Fig. 6. Regulation of T_SCM CD4 cells homeostasis during aging.

a Hyporesponsiveness of the Wnt/β-catenin pathway during aging. The frequency of specifically TWS119-induced T_SCM CD4 cells was evaluated by flow cytometry, and calculated after the subtraction of nonspecific DMSO-induced T_SCM CD4 cells frequencies. The statistical analysis was performed on unpaired samples (U Mann–Whitney test, ** for p < 0.01). Source data are provided as a Source Data file. b CD127 expression characterizes induced-T_SCM CD4 cells. The phenotype of induced-T_SCM CD4 T cells was performed at day 7. The statistical analysis was performed on paired samples (Wilcoxon signed-rank test) (* and ** for p < 0.05 and p < 0.01, respectively). Source data are provided as a Source Data file. c Identification of recent thymic emigrants in cord blood or in peripheral blood of young and old donors by flow cytometry. T_RTE were defined as PTK7⁺CD31⁺CD4 T cells. d Induction of T_SCM CD4 cells from T_RTE cells. The correlations between ex vivo T_RTE and in vitro TWS119-induced T_SCM CD4 cells at day 7 were calculated with the Spearman’s rank-order test (n = 15). Source data are provided as a Source Data file. e T_SCM CD4 cells induction depends on CD31 expression in naive CD4 T cells. Flow cytometry staining of TWS119 dose-dependent induced-T_SCM CD4 T cells derived from CD31⁻ or CD31^high naive CD4 T cells. f Increased potential of CD31^high naive to T_SCM CD4 cells differentiation. Frequencies of T_SCM CD4 cells derived from CD31⁻ or CD31^high naive CD4 T cells in response to the stimulation of the Wnt/β-catenin pathway with low dose of TWS119 (5 μM). Young and old donors are represented with black and gray symbols, respectively. The statistical analysis was performed on paired samples (Wilcoxon signed-rank test) (***for p < 0.001). Source data are provided as a Source Data file. g Phenotype of induced T_SCM from T_RTE and CD31^low naive CD4 T cells. Flow cytometry staining of induced-T_SCM CD4 cells derived from CD31⁻ or CD31^high (T_RTE) naive CD4 T cells. Histograms represented overlaid expression of individual markers after 7 days of culture in presence of vehicle alone (DMSO) or Wnt/β-catenin stimulating drug (TWS119) at 5 or 10 μM.

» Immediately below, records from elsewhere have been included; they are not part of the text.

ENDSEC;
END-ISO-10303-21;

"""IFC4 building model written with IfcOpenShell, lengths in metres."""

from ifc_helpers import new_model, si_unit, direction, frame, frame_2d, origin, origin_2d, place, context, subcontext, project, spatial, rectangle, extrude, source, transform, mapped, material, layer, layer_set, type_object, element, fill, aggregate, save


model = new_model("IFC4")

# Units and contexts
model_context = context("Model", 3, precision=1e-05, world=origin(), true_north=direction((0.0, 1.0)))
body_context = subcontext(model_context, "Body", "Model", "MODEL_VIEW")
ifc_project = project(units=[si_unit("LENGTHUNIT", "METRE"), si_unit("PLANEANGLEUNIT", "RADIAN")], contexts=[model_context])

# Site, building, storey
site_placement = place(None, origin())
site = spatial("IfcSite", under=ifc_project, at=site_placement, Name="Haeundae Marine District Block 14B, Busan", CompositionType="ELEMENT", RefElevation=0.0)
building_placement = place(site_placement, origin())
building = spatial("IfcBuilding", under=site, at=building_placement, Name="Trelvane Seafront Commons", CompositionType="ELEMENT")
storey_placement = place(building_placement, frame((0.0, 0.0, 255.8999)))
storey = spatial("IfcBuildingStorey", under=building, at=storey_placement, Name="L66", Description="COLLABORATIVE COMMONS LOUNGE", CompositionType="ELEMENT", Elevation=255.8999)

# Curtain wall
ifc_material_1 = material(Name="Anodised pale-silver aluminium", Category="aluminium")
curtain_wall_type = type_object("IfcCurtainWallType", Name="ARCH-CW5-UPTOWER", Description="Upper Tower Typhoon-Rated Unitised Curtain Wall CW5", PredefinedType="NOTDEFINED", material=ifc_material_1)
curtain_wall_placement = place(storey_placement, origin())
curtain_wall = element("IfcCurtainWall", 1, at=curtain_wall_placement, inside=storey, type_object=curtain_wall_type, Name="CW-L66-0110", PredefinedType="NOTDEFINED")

Fig. 7. Wnt Signaling pathway in CD4 T_SCM during aging and inflammation.

Graphical summary of key molecules involved in the specific signature of individual T_SCM cluster identified by scRNAseq gene expression analysis. Gray, blue, and green boxes represented highlighted molecules in Wnt/calcium, Wnt/β-catenin, and Wnt/PCP, respectively. Red arrows and characters summarized the alterations of Wnt signaling observed in aged donors and/or chronic inflammation described in this study.